2, there is a category collection.
3, calculation.
4, if, then.
So the key now is how to calculate the probability of each condition in the 3rd step. We can do this:
1, find a known classification of the set of items to be categorized, this set is called the training sample set.
2. The statistic gets the conditional probability estimate of each characteristic attribute in each category. That
3, if each characteristic attribute is condition independent, then according to Bayes theorem has the following derivation:
because the denominator is constant for all categories, as long as we can maximize the numerator.

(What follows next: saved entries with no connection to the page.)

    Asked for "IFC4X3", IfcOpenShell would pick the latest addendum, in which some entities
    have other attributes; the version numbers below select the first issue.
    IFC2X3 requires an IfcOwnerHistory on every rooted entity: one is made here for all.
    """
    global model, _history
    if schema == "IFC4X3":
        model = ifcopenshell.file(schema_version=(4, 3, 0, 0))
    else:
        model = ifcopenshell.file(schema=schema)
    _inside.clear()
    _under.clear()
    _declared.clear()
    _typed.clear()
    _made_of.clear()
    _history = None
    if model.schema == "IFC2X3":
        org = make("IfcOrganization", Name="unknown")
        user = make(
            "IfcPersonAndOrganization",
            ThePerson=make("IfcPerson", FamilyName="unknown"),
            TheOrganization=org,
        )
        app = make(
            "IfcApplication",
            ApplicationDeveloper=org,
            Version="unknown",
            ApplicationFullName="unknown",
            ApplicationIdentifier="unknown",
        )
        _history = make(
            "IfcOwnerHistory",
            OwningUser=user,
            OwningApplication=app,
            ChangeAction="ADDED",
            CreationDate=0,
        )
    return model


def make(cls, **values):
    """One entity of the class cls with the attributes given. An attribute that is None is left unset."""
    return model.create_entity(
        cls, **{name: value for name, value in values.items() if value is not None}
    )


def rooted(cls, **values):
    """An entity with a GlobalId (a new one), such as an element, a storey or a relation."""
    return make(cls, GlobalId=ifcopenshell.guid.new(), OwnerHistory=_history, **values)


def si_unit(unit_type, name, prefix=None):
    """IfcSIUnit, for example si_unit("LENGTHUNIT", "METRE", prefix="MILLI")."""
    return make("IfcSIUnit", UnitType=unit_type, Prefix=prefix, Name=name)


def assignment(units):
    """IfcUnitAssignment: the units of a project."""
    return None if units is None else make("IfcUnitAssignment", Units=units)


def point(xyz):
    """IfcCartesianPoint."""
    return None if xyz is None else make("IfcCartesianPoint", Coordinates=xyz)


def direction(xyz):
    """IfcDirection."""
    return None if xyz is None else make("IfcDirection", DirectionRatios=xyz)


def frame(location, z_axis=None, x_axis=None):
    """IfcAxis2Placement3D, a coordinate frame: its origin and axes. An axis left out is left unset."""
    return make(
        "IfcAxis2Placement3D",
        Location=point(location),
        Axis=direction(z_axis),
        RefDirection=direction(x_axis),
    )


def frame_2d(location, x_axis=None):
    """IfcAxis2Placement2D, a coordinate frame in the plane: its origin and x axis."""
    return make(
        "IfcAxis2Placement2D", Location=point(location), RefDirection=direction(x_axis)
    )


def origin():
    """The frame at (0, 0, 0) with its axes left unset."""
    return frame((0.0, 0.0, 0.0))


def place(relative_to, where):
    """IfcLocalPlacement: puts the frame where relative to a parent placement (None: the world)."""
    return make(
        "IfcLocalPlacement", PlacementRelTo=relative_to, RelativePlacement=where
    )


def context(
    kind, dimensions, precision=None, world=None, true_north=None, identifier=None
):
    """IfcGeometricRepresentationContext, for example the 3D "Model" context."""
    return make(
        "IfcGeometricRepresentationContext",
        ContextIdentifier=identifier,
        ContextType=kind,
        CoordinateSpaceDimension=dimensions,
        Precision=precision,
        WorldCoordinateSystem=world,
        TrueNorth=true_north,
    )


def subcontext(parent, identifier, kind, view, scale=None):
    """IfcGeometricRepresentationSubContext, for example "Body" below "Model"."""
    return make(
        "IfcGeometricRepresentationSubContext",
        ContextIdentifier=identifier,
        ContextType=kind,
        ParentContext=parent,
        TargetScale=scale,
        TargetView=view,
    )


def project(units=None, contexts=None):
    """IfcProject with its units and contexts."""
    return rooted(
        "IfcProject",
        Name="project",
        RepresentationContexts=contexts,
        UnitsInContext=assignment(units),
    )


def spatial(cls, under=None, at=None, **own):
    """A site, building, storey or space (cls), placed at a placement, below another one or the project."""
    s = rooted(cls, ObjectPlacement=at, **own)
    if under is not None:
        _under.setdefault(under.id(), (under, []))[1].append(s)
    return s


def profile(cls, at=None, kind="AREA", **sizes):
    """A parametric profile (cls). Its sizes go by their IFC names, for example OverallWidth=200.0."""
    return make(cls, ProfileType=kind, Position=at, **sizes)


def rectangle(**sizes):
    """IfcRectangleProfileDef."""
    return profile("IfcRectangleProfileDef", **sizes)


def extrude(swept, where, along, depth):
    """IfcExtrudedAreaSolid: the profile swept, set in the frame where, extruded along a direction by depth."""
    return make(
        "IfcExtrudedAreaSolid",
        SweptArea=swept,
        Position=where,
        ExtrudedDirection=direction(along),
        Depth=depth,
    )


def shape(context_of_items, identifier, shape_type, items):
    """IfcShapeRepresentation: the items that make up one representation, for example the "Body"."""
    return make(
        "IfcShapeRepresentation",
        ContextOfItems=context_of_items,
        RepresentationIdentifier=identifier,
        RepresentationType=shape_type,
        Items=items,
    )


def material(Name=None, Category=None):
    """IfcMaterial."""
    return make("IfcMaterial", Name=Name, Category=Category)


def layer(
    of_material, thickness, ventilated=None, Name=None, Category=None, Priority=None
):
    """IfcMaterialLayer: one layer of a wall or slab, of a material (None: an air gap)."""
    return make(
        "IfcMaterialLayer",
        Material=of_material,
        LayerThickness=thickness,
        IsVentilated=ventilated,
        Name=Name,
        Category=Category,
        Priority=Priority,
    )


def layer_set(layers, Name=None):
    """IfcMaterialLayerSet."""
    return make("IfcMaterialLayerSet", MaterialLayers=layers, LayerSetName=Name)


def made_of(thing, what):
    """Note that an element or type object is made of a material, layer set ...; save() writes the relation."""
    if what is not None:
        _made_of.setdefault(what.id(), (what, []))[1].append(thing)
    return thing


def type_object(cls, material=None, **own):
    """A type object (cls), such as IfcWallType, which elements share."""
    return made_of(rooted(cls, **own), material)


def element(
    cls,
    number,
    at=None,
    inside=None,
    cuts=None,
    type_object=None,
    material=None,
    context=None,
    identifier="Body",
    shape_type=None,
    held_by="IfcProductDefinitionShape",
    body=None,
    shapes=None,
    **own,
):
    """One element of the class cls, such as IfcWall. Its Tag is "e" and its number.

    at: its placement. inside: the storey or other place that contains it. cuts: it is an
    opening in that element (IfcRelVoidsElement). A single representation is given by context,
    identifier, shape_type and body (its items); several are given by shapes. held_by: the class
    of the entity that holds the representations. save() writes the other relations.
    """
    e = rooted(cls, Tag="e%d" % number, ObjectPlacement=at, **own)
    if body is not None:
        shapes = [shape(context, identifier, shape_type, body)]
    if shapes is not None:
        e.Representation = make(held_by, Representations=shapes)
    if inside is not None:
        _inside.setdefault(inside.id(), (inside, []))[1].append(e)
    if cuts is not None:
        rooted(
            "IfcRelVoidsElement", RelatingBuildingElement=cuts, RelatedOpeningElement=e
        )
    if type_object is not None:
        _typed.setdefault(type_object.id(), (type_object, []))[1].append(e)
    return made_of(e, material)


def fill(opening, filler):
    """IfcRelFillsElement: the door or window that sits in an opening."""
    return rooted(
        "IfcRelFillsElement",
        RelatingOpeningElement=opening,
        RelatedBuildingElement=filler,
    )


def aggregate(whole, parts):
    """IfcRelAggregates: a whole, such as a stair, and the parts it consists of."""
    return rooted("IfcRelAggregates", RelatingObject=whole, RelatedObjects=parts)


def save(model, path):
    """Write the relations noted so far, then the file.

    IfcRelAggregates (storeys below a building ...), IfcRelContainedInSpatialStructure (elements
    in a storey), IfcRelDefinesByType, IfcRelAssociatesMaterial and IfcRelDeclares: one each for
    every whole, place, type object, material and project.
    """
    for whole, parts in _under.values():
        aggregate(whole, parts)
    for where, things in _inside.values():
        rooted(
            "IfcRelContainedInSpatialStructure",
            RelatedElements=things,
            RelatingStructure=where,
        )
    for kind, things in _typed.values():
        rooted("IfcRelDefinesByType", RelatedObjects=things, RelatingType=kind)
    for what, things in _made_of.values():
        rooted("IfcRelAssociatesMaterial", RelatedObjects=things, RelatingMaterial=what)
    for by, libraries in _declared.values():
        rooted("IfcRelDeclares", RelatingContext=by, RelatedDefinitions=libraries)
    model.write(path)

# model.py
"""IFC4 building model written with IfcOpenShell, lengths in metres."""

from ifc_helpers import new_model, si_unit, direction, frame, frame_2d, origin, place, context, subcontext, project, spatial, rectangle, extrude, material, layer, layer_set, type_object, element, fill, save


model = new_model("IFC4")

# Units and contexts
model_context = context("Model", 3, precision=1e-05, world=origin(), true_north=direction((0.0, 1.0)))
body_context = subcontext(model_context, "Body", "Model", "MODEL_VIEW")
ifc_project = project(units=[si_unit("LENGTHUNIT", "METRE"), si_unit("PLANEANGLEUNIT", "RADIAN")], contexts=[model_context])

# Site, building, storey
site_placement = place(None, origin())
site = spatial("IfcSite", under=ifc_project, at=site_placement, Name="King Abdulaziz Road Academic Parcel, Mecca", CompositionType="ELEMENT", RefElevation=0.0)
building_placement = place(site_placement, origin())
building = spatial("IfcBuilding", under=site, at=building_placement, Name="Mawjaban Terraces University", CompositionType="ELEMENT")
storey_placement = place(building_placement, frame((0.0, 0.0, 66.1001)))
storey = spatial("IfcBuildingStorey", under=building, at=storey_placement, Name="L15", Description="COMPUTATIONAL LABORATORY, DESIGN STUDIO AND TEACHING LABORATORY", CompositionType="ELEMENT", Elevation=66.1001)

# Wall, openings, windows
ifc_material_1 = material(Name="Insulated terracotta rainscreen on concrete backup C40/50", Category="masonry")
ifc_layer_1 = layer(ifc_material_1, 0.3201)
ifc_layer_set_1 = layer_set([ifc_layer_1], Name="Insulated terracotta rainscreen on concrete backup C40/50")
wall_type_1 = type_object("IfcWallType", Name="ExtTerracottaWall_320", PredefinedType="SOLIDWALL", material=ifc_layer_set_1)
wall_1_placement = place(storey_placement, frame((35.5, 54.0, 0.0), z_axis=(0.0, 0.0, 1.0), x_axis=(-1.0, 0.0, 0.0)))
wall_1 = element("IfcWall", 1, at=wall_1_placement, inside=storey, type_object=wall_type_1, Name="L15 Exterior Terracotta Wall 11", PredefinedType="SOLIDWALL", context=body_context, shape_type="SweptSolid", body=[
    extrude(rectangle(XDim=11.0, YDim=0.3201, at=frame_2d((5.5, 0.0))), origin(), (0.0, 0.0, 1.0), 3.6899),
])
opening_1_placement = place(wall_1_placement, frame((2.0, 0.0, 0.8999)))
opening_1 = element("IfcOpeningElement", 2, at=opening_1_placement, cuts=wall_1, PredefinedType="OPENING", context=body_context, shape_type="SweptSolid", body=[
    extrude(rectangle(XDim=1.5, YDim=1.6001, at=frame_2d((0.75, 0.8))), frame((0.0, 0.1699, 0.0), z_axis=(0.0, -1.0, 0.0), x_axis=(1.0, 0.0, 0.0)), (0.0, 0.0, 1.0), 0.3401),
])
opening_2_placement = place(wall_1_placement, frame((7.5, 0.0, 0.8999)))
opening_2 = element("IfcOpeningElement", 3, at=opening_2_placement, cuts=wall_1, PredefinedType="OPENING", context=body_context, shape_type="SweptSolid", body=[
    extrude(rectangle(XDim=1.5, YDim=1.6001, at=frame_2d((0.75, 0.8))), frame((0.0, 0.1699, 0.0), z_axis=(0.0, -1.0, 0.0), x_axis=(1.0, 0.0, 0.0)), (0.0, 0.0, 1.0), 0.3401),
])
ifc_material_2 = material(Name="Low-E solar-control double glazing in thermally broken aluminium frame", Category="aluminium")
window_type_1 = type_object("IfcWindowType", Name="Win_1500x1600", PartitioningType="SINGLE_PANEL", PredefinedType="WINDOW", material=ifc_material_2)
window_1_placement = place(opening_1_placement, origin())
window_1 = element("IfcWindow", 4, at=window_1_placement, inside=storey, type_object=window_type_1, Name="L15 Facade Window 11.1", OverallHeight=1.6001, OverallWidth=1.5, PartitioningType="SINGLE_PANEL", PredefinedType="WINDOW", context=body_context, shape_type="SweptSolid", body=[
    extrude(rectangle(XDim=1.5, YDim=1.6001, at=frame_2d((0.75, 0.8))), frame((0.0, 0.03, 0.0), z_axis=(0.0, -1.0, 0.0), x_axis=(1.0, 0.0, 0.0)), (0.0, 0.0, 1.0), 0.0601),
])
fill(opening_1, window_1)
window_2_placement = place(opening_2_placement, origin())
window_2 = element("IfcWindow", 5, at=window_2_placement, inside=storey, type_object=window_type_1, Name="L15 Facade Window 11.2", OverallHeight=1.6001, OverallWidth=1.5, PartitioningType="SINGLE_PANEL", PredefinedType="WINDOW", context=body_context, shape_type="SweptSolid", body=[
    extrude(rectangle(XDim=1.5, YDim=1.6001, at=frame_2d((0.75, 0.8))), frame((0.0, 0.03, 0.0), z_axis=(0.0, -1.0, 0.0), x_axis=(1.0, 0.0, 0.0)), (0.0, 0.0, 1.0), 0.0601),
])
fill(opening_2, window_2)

And because each characteristic attribute is conditionally independent, there are:
As you can see, the entire naive Bayesian classification is divided into three stages:
The first stage-the preparatory stage, the task of this stage is to make the necessary preparation for naive Bayesian classification, the main work is to determine the characteristic attributes according to the specific situation, and the appropriate division of each feature attribute, and then manually classify a portion of the items to be classified, forming a training sample set. The input for this stage is all data to be classified, and the output is the feature attribute and training sample. This phase is the only stage in the whole naive Bayesian classification that needs to be completed manually, and its quality will have an important influence on the whole process, the quality of classifier is determined by characteristic attribute, characteristic attribute division and Training sample quality to a great extent.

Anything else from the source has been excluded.